To install the latest version of libseccomp in Ubuntu, run the following command:

sudo apt-get install  libseccomp-dev

To install the latest version of libseccomp in CentOS or RHEL, run the following command:

sudo dnf -y install libseccomp-devel

June 29, 2022

Release 1.12.0

Anthos clusters on bare metal 1.12.0 is now available for download. To upgrade, see Upgrading Anthos on bare metal. Anthos clusters on bare metal 1.12.0 runs on Kubernetes 1.23.

The dockershim component in Kubernetes enables cluster nodes to use the Docker Engine container runtime. However, Kubernetes 1.24 removed the dockershim component. Starting from Anthos clusters on bare metal 1.12.0, you will not be able to create new clusters that use the Docker Engine container runtime. All new clusters should use the default container runtime containerd.

Improved cluster lifecycle functionalities:

  • Upgraded Anthos clusters on bare metal to use Kubernetes version 1.23. 

  • Upgraded container runtime to containerd 1.5.

  • Updated preflight check to forward default SSH key if no key is provided.

  • Added support for new GCPAccounts field in the cluster configuration file. This field enables the assignment of a cluster-admin role to end-users.

  • Added labels to control plane, control plane load balancer, and load balancer node pools, so that these different node pools can be distinguished from each other.

  • Added nodepool reference label to nodes so that worker nodes can be listed in the UI.

Observability:

  • GA: Added Summary API metrics. These metrics are scraped from the Kubernetes Summary API and provide CPU, memory, and storage metrics for Pods, containers, and Nodes.

  • Added separate flags to enable logging and monitoring for user applications separately: EnableCloudLoggingForApplications and EnableGMPForApplications. The legacy flag EnableStackdriverForApplications will be deprecated and removed in future releases.

  • Preview: Added Google Cloud Managed Service for Prometheus to collect application metrics and monitor cluster health.

  • Upgraded GKE Metrics Agent (gke-metrics-agent) from version 1.1.0 to 1.8.3. This tool scrapes metrics from each cluster node and publishes them in Cloud Monitoring.
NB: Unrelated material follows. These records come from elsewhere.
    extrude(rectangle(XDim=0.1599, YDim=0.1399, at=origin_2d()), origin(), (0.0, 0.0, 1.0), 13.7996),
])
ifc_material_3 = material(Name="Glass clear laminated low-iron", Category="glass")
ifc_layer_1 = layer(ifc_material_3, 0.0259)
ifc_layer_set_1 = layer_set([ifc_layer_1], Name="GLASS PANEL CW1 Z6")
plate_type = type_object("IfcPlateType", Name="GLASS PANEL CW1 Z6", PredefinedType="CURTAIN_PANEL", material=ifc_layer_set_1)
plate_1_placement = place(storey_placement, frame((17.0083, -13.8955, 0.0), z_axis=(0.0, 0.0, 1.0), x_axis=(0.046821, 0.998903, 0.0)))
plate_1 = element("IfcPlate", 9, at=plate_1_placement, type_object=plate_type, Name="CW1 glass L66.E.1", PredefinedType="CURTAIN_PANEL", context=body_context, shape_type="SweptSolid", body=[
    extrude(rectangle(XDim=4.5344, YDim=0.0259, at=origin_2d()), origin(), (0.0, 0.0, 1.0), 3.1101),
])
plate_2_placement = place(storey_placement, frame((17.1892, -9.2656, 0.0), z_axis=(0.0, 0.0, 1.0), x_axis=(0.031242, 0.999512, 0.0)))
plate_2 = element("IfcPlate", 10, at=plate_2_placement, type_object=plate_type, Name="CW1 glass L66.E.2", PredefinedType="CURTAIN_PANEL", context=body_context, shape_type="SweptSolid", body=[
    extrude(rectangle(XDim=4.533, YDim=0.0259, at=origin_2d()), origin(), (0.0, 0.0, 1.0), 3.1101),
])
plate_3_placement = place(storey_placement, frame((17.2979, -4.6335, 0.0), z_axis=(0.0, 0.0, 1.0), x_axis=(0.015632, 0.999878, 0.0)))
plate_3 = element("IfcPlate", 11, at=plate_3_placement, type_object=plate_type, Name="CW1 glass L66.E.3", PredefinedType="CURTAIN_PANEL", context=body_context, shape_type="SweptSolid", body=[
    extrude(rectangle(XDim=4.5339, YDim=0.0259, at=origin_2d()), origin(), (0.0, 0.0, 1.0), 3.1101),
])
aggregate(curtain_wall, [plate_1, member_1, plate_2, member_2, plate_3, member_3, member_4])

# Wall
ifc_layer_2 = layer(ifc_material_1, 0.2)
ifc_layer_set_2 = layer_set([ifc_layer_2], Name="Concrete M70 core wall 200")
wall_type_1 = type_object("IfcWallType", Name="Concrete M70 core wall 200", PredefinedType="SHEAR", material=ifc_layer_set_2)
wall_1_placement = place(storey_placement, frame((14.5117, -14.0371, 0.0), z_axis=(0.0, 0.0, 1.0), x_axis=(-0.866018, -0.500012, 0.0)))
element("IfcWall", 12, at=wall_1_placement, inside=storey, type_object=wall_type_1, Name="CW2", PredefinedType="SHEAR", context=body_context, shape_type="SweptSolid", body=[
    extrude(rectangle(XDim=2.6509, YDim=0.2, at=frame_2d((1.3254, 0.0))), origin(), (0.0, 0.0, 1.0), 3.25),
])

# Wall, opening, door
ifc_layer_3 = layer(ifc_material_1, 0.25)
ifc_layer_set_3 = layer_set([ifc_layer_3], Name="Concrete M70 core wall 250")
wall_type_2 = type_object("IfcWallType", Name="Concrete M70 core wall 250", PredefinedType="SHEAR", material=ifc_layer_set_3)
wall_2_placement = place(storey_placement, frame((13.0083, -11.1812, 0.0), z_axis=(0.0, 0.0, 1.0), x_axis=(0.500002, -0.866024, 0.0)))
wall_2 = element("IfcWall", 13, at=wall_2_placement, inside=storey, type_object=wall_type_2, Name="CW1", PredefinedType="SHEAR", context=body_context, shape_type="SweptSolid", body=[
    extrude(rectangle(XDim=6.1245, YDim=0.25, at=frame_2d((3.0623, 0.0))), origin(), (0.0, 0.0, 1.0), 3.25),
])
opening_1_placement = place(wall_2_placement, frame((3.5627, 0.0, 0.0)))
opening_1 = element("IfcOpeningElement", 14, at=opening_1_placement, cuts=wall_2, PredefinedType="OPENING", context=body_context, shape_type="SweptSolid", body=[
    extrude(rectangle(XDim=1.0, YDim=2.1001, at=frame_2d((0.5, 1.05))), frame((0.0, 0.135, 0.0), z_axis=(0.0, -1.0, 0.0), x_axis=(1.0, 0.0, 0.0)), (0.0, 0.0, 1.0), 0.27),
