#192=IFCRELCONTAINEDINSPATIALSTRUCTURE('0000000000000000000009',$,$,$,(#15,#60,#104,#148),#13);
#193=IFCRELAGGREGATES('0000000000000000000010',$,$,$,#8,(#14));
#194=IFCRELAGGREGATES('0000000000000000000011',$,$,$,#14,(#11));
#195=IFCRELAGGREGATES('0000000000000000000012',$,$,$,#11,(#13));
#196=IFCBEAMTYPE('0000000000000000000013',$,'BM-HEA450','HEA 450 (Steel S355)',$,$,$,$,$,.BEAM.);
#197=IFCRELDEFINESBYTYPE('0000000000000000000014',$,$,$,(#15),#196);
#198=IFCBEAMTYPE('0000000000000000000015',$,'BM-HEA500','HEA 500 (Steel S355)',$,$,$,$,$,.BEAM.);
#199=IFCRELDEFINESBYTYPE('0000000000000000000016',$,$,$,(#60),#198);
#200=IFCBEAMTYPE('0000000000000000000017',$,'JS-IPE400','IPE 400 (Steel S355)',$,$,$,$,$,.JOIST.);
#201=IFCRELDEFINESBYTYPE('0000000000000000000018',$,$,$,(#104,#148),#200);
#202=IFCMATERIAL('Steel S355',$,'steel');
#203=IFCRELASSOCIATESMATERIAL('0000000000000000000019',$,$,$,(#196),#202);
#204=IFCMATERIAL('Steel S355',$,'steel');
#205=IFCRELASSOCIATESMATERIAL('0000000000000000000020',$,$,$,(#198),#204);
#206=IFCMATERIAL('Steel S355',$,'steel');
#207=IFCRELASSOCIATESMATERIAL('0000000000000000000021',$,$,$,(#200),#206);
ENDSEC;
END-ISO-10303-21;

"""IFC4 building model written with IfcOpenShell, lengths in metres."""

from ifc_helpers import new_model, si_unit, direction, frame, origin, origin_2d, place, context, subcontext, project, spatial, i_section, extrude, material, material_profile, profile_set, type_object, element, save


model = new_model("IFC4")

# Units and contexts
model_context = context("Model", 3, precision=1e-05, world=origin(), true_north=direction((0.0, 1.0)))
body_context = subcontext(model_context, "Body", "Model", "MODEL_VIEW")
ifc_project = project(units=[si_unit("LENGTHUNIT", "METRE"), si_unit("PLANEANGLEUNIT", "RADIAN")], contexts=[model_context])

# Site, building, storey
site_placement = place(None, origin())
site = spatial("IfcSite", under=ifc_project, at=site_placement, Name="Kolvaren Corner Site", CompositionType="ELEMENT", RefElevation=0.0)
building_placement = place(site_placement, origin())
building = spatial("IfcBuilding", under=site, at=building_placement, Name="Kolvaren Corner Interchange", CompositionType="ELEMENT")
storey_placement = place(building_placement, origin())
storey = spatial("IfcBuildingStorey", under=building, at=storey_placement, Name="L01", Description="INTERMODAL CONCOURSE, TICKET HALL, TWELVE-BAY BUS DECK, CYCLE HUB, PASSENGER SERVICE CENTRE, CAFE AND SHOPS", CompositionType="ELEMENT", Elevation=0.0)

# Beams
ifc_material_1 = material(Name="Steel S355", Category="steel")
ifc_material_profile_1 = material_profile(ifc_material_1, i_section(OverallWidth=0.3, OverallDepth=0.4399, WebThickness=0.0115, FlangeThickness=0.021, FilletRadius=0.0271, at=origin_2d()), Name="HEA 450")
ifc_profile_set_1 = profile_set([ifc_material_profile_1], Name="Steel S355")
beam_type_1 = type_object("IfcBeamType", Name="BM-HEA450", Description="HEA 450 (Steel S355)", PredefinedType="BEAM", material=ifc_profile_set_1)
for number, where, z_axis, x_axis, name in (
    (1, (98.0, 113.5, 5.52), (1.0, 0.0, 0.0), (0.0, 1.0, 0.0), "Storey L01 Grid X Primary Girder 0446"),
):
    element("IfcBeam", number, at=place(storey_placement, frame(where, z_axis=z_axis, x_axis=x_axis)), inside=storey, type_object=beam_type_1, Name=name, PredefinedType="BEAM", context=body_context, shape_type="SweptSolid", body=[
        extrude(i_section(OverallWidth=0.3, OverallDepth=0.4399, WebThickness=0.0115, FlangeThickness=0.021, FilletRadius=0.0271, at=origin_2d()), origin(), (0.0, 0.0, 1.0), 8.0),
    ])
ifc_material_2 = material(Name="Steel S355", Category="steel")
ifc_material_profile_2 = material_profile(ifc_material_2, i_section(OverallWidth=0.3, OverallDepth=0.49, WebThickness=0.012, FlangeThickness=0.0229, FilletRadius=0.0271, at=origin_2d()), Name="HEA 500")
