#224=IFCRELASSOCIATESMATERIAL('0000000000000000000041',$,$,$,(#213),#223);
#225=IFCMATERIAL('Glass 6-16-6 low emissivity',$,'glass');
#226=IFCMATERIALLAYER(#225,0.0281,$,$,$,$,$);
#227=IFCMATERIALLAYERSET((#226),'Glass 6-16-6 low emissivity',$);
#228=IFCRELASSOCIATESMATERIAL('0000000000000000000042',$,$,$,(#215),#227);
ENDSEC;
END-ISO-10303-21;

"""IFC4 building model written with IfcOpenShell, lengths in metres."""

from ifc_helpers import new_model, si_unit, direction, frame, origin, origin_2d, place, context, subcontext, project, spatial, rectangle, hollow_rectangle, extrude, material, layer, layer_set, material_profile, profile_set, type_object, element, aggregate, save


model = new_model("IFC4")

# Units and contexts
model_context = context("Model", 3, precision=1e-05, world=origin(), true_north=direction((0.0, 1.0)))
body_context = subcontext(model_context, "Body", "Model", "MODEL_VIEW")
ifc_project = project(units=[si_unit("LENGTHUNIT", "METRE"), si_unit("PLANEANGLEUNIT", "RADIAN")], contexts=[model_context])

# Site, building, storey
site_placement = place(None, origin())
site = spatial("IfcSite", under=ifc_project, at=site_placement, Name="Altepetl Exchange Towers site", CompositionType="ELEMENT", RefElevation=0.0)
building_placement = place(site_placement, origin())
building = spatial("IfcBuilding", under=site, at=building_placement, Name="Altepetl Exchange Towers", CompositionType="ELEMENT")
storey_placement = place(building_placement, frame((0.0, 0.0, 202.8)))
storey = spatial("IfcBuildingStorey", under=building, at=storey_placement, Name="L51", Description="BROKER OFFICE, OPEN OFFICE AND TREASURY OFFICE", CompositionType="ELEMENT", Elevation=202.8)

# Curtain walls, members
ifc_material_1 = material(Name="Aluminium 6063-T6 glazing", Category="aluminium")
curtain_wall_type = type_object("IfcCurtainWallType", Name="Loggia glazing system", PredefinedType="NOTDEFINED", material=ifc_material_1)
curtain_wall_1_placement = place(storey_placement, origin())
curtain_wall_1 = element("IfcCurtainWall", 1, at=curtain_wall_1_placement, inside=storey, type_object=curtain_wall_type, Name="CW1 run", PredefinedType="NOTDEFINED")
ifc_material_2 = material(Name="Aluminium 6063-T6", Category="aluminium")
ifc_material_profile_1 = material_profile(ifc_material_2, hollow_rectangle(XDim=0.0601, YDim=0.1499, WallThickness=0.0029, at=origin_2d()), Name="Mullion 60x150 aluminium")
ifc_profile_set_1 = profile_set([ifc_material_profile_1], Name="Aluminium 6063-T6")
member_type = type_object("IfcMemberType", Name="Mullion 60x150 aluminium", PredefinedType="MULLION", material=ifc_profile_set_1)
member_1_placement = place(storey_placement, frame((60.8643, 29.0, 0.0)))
  • Added the following resource utilization metrics. For more information about these and other metrics, see View Anthos clusters on bare metal metrics:

    • container/cpu/request_utilization
    • container/cpu/limit_utilization
    • container/memory/request_utilization
    • container/memory/limit_utilization
    • node/cpu/allocatable_utilization
    • node/memory/allocatable_utilization
    • pod/volume/utilization
  • Added sample dashboards for monitoring cluster health to Cloud Monitoring sample dashboards. Customers can install these dashboards with one click.



  • Scoped down the RBAC permissions of stackdriver-operator, a component that performs logging and monitoring.

Security:

  • AIS CA deprecation. AIS certs are now signed by cluster CA.

  • Changed ca-rotation container image so that it uses a distroless rather than a Debian-based image.

  • RBAC permissions of the cluster-operator component have been eliminated or reduced to address elevated permissions.

  • GA: Anthos Identity Service LDAP authentication support.

Networking:

  • Preview: Enabled creation of IPv6 and Dual Stack LoadBalancer services. Border Gateway Protocol (BGP) is used for Dualstack clusters. Advertising IPv4 and IPv6 routes over IPv4 sessions is supported.

  • Preview: Added Network Connectivity Gateway feature support to provide HA VPN between Google Cloud and an on-premises Anthos cluster.

Known issues:

For information about the latest known issues, see Anthos on bare metal known issues in the Troubleshooting section.